Boston Mayor Marty Walsh will be inaugurating the ultimate Big Data scorecard on city services, a single number reflecting how well city government is doing its job. The program, known as CityScore, was previewed in the New York Times. All of Boston’s services represented in a single number! Here’s my favorite quote from Mayor Walsh’s chief of staff Daniel Koh: “We need to figure out the best way to weight these things, and there will be some that will be somewhat political.”
Well sure it’s political; of course it’s political. But then numbers always are in politics.
That is one of the lessons of an invaluable book on public policy, Deborah Stone’s Policy Paradox: The Art of Political Decision Making. In politics numbers are never the endgame; they are a tool in political conflict. Numbers can present an argument for how well or poorly we’re doing, whether things are getting better or worse and for how long, signs of prosperity or of decay. Numbers give us a focal point to fight over, a device to assign our preferred causal interpretation, a way to push for our favored solution. Sometimes the same number is a sign of both progress and regress, depending on who is doing the interpreting. We have to decide what we are going to count, how to define it, and how to count it. Stone says that “Numbers, in fact, work exactly like metaphors. To categorize in counting or to analogize in metaphors is to select one feature of something, assert a likeness on the basis of that feature, and ignore all the other issues.”
Let’s measure our educational system. How is your child’s MCAS score? How is your school’s MCAS profile, improving or declining? Whoops, we are on to PARCC. Then again, the U.S. Secretary of Education said the other day that perhaps we really are testing too much. One complaint is that teachers “teach to the test” rather than inspiring children to love learning. Of course if you are going to measure teachers’ performance based on standardized tests, it is inevitable that they will teach to the test. Love of learning is wonderful, but Big Data does not measure love.
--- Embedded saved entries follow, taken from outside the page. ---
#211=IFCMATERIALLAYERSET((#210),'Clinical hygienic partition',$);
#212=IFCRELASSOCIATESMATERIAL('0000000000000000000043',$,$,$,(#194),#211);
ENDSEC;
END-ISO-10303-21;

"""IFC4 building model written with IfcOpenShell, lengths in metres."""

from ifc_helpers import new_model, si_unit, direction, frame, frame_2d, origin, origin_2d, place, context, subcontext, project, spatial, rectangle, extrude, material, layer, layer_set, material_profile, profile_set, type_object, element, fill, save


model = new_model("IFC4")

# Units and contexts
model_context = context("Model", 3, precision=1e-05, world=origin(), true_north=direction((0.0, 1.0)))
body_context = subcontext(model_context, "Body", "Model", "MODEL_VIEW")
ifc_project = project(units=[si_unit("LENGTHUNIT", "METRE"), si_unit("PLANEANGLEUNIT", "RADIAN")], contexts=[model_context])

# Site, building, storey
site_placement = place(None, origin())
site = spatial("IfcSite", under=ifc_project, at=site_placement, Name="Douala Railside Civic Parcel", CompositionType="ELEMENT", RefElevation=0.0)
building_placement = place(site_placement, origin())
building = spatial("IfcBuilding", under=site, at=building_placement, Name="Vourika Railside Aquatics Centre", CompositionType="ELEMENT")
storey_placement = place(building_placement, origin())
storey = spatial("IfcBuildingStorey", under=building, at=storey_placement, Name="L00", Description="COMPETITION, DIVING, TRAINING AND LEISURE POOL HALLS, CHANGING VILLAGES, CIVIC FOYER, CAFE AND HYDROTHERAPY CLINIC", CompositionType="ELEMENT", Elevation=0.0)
The Times reports that the commissioner of public works has detailed statistics on potholes. The city relies on citizens reporting potholes. Suppose one neighborhood supports many immigrant families (with limited access to technology) from countries where distrust of government runs high; it has lots of potholes but doesn’t report many of them. Another neighborhood, which is middle class and well-connected (politically and technologically), has multiple reports at the first sign of loose gravel. The multiple reports are good because then we fill one pothole and close 2-3 complaints. Our pothole metric is going great.
Or, another goal is fair representation on the city council. What is “fair”? The decennial redistricting is one of the most political decisions the city council makes. Usually there is litigation. Last redistricting the council passed a plan it deemed fair and Mayor Menino vetoed it. The council passed a different plan, the mayor signed and no lawsuit this time.
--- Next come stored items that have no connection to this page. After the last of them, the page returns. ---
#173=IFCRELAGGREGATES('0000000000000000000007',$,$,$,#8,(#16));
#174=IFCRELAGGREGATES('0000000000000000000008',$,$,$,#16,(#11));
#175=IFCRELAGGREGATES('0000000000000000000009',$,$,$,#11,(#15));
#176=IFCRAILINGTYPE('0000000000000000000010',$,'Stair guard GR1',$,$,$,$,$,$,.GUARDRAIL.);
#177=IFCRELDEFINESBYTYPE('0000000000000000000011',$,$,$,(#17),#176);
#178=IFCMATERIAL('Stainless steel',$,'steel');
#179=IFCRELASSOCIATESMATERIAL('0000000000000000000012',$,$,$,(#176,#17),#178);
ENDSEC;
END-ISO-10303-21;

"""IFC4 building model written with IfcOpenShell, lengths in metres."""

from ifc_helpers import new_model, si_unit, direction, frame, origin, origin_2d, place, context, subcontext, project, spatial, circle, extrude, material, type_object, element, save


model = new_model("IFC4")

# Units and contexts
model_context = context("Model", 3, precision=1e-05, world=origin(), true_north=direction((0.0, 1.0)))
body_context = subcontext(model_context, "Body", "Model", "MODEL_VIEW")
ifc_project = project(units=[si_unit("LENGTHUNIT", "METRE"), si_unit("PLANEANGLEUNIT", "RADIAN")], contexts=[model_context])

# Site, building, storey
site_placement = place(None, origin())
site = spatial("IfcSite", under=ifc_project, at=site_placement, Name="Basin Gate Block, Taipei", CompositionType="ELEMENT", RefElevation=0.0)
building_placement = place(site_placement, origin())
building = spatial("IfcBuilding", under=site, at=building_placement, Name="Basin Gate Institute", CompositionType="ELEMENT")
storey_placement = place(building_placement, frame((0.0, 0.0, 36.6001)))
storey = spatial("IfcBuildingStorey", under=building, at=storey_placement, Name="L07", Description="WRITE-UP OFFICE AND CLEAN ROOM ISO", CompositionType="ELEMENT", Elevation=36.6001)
To return to Mr. Koh’s New York Times quote, he was referring to how to weight different services in the algorithm: 911 response time vs. tree trimming vs. schools (MCAS, PARCC?) vs. library books loaned vs. liquor licenses granted, vs. EMS service vs. animal control, and on and on and on. Just that exercise ought to impress us all with how much city government does. But how to weight each statistic into the final CityScore is an enormous task. And a political one.